This document describes the output produced by the pipeline. The directories described below will be created in the output directory after the pipeline has finished. All paths are relative to the top-level output directory.
The pipeline output is saved step-by-step in the output directory as each step is completed. Below, we provide a description of the output folders corresponding to the main steps, as well as the pipeline_info
folder, which contains details about the submitted job.
- Directory Structure
- Pipeline Information: pipeline_info
- Normalization Step: splitmutiallelics
- Vep Step: ensemblvep
- Exomiser Step: exomiser/results
- Other Steps
The output directory structure is as follow:
|_ pipeline_info/
|_ splitmultiallelics/
|_ ensemblvep/
|_ exomiser/results/
...
The pipeline_info
subdirectory contains details about the pipeline execution and metadata relevant to reproducibility, performance optimization and troubleshooting.
The splitmultiallelics
subdirectory contains the output of the pipeline after completing the normalization step, just before running the vep or exomiser tools.
The ensemblvep
subdirectory contains the output after running vep and will appear only if vep is specified in the tools
parameters.
The exomiser/results
subdirectory contains the output after running exomiser and will appear only if exomiser is specified in the tools
parameters.
Here we describe in more details the content of the pipeline_info
subdirectory. It should contain the following:
|_ pipeline_info
|_ configs
|_ nextflow.config
...
|_ execution_report_2024-12-09_12-03-20.html
|_ execution_timeline_2024-12-09_12-03-20.html
|_ execution_trace_2024-12-09_12-03-20.txt
|_ params_2024-12-09_12-03-23.json
|_ pipeline_dag_2024-12-09_12-03-20.html
|_ metadata.txt
|_ nextflow.log
The timestamps that appear in some files are in the user's timezone.
The configs
folder contains copies of configuration files used. This includes the default nextflow.config
file as well as any additional configuration files passed as parameters.
The files prefixed by execution_
are reports automatically generated by nextflow. These reports allow you to troubleshoot errors with the pipeline execution and provide inofrmation such as launch commands, run times and resource usage. You can refer to the nextflow documentation for more details about these reports.
The file prefixed by params
contains the parameters used by the pipeline.
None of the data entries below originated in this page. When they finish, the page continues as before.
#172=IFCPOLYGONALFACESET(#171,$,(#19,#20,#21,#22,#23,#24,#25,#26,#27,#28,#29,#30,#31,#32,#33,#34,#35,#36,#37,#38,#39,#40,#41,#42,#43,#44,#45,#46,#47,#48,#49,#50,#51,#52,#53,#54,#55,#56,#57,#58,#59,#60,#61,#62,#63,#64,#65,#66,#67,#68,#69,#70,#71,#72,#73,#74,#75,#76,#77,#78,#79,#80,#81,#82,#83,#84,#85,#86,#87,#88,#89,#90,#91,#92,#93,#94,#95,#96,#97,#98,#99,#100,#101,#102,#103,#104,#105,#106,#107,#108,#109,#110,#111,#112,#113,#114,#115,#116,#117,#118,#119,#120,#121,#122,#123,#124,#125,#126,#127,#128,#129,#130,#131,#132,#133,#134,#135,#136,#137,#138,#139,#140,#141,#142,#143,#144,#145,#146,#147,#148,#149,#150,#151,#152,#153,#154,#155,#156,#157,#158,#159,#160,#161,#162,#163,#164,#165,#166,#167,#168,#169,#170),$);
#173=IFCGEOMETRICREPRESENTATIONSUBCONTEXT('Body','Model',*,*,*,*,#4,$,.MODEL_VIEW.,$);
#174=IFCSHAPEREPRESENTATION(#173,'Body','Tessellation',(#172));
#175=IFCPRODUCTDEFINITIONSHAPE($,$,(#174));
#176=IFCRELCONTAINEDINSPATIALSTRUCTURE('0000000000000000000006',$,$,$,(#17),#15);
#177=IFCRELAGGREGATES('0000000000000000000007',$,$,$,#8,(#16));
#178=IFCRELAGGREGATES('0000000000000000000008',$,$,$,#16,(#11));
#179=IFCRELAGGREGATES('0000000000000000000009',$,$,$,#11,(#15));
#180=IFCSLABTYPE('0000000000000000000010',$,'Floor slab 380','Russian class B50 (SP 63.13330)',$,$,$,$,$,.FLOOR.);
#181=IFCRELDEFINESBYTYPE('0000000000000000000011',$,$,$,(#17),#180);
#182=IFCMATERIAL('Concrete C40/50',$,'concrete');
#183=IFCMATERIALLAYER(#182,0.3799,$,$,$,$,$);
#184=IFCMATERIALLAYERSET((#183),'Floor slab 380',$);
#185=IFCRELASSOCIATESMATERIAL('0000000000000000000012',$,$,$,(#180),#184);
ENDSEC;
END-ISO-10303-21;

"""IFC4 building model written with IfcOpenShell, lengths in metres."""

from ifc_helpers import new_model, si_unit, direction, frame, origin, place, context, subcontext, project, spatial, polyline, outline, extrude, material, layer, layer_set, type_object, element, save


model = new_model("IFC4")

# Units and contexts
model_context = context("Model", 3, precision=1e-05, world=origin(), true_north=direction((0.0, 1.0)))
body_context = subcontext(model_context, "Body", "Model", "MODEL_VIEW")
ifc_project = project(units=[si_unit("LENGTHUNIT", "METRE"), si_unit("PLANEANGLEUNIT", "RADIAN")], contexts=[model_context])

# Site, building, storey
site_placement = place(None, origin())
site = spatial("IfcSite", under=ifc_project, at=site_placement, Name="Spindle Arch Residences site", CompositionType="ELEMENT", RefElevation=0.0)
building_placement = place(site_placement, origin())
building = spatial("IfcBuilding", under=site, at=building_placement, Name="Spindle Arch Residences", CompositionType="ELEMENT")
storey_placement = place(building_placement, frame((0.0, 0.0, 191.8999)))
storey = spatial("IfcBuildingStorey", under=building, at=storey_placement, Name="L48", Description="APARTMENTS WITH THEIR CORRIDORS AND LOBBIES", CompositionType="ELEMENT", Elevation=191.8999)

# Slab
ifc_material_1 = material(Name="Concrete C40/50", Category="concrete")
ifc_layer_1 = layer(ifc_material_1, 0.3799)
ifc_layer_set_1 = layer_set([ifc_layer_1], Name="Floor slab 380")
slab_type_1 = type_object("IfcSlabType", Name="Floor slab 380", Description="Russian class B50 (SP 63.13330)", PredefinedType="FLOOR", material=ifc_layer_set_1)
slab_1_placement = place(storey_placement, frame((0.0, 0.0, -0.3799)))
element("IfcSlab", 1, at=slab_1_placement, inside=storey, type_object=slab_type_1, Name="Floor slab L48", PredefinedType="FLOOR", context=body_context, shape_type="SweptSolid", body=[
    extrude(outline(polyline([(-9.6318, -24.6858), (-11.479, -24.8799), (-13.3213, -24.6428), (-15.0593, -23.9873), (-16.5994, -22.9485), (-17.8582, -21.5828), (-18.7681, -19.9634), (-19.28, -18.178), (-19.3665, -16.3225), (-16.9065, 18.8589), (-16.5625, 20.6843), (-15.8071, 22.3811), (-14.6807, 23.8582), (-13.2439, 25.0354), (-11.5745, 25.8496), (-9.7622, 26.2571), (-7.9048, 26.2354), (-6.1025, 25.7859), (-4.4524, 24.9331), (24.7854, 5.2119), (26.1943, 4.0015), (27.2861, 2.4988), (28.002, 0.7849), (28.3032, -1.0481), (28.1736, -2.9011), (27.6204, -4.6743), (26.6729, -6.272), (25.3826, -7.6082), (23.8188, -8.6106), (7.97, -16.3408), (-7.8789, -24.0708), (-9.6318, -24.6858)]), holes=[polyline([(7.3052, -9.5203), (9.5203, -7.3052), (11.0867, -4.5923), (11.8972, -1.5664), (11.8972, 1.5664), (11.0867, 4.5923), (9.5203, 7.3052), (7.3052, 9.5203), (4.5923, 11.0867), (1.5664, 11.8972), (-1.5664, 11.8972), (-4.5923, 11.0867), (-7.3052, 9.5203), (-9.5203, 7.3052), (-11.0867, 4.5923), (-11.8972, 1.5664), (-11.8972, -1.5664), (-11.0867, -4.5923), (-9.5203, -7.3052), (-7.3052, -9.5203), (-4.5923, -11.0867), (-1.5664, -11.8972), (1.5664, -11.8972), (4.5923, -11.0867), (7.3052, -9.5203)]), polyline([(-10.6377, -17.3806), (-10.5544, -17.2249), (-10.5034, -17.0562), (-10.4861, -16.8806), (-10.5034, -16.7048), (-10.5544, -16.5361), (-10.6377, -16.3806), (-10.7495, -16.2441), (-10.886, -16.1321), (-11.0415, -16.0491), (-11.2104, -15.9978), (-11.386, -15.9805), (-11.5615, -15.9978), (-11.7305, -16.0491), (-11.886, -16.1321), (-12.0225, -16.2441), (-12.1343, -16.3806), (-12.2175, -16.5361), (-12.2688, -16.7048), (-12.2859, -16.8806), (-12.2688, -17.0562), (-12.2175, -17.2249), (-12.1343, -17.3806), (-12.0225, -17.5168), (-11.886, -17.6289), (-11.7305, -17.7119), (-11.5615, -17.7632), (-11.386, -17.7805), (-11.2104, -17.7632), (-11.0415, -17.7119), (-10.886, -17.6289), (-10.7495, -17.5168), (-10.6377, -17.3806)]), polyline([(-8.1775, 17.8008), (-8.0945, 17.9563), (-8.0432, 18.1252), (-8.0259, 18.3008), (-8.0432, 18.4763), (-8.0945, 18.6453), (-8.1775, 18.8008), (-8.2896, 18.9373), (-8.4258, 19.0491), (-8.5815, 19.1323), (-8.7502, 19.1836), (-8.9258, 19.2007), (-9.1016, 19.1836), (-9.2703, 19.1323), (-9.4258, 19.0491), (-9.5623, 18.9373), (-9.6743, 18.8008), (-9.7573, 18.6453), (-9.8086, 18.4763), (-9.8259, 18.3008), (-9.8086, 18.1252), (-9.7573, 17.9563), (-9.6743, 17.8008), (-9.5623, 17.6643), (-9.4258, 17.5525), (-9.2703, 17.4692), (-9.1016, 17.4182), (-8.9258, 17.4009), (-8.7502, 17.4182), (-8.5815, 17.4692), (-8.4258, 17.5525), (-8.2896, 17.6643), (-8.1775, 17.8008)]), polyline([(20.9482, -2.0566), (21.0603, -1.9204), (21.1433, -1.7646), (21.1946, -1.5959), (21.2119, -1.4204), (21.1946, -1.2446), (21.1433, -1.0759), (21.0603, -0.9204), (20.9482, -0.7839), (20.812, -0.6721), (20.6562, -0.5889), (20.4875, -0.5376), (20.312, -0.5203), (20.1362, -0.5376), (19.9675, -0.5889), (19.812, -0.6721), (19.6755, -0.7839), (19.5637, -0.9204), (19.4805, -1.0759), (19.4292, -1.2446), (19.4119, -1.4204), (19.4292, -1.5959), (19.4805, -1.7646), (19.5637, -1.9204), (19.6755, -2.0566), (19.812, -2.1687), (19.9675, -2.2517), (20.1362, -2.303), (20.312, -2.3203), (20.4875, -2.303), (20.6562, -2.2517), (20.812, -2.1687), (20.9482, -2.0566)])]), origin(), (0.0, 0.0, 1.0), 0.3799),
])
The file prefixed by pipeline_dag
contains a diagram of the pipeline steps.
The metadata.txt
file contains various information relevant for reproducibility, such as the original command line, the name of the branch / revision used, the username associated to the command, a list of configuration files passed, the nextflow work directory, etc.
The nextflow.log
file is a copy the nextflow log file. Note that it will miss logs written after the workflow.onComplete
handler is run.
The splitmultiallelics
subdirectory contains the output of the pipeline after the normalization step, just before running vep and exomiser.
|_ splitmultiallelics/
|_ family1.splitted.vcf.gz
|_ family1.splitted.vcf.gz.tbi
...
It contains one pair of vcf.gz
, vcf.gz.tbi
files per family. Specifically, we use the following naming scheme:
<FAMILY_ID>.splitted.vcf.gz
<FAMILY_ID>.splitted.vcf.gz.tbi
The family ID should match the family ID in the input sample sheet.
The ensemblvep
subdirectory contains the output of the pipeline after the vep step, if vep was specified in the tools
parameter.
|_ ensemblvep/
|_ variants.family1.vep.vcf.gz
|_ variants.family1.vep.vcf.gz.tbi
...
It contains one pair of vcf.gz
, vcf.gz.tbi
files per family. Specifically, we use the following naming scheme:
variants.<FAMILY_ID>.vep.vcf.gz
variants.<FAMILY_ID>.vep.vcf.gz.tbi
The family ID should match the family ID in the input sample sheet.
The exomiser/results
subdirectory contains the output fo the pipeline after the exomiser step, if exomiser was specified in the tools
parameter.
|_ exomiser/results
|_ family1.exomiser.genes.tsv
|_ family1.exomiser.html
|_ family1.exomiser.json
|_ family1.exomiser.variants.tsv
|_ family1.exomiser.vcf.gz
|_ family1.exomiser.vcf.gz.tbi
...
It should contains a set of 6 files per family. Specifically, we use the following naming scheme:
<FAMILY_ID>.exomiser.genes.tsv
<FAMILY_ID>.exomiser.html
<FAMILY_ID>.exomiser.json
<FAMILY_ID>.exomiser.variants.tsv
<FAMILY_ID>.exomiser.vcf.gz
<FAMILY_ID>.exomiser.vcf.gz.tbi
The family ID should match the family ID in the input sample sheet.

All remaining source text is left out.